During Ramadan, Muslims refrain from eating, drinking, or smoking from sunrise until sunset. People are not allowed to eat, drink, smoke, or even chew gum in public while the sun is out of respect for those fasting. Ramadan will begin on March 23 in the UAE. On Tuesday night, the country’s moon-sighting committee selected the official date.
Muslims have been preparing for the holiest month of the year, when they fast during the day and only eat and drink when the sun sets. Muslims believe that fasting increases spiritual emphasis on devotion by abstaining from all types of food and drink. It is also a time for family reunions, charitable giving, and personal introspection.
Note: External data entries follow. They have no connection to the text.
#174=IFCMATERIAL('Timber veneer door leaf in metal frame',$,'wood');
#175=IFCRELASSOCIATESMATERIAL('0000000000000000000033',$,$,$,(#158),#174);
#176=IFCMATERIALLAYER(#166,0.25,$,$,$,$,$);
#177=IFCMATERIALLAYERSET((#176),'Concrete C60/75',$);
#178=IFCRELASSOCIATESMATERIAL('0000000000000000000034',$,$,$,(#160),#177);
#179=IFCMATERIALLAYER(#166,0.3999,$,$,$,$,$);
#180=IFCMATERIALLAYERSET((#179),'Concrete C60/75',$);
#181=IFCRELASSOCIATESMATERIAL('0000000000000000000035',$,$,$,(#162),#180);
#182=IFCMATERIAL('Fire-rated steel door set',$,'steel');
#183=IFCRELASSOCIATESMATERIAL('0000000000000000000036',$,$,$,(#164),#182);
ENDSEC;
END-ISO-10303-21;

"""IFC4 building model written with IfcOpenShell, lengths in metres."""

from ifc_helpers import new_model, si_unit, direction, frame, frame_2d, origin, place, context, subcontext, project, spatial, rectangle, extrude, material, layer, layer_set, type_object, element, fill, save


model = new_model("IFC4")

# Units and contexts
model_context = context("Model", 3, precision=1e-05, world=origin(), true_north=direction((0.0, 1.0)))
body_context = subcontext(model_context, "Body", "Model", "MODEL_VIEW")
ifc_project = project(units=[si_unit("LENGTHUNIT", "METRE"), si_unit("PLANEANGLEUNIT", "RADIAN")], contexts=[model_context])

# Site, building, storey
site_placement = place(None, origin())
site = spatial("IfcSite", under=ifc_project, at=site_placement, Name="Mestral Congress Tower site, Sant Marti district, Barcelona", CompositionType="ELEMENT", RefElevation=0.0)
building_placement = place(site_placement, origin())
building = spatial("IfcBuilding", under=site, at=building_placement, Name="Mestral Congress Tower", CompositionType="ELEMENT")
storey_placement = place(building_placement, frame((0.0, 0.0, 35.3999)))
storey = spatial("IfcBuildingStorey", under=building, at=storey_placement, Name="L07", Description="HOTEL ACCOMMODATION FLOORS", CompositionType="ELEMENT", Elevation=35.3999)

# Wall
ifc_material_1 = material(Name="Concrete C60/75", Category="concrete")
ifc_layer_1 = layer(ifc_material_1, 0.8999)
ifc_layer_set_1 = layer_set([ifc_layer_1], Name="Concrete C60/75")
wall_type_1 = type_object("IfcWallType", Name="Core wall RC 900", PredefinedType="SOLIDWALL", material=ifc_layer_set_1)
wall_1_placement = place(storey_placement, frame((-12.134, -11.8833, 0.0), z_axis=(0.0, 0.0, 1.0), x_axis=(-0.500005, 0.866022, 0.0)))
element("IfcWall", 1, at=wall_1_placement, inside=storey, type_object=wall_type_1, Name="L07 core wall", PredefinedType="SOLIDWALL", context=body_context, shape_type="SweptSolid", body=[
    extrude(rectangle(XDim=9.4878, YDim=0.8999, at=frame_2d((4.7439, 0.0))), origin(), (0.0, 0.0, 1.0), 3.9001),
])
The goal of fasting from food and drink for a month is to empathise with those who are less fortunate while also removing the distraction of food to focus on faith. Colorful street lights adorn the country’s main roads, as supermarkets fill up with Ramadan mainstays like apricot paste and Vimto. Tents are also set up in hotels and around large homes.
Employment and school hours are decreased to accommodate fasting Muslims, who frequently remain up late praying and reciting the Quran. Although Ramadan is usually associated with fasting, it is also a time when Muslims deepen their faith, spend more time with family, enhance their philanthropic actions, and spend time on personal introspection.
Here are a few cultural tips and etiquette that even non-Muslims must know during Ramadan:
- Do not eat, drink, smoke in public. Out of consideration for those fasting, even non-Muslims are expected to follow fasting rules in public. You are allowed to eat, drink and smoke privately.
- Dress modestly. Avoid wearing tight and transparent clothing. Dressing modestly for men and women is essential during Ramadan. Wearing tight and revealing clothes is prohibited throughout the territory.
- Avoid loud music in cars, at home, or in public. Ramadan is a time to self-reflect and strengthen their faith. Some Muslims prefer not to listen to music during Ramadan to stay focused. Be aware.
- Behave respectfully around fasting Muslims. People must avoid making a scene in public because it is generally a time of peaceful reflection and piety.
- Participate where appropriate. If non-Muslims want to get into the spirit of the holy month, they can fast, attend iftar and suhoor tents at hotels, and participate in charitable initiatives.
- To accept an invitation to iftar is a polite act, as with any other such offer. It is not required, but it shows a respectful manner to bring a gift when visiting someone’s home.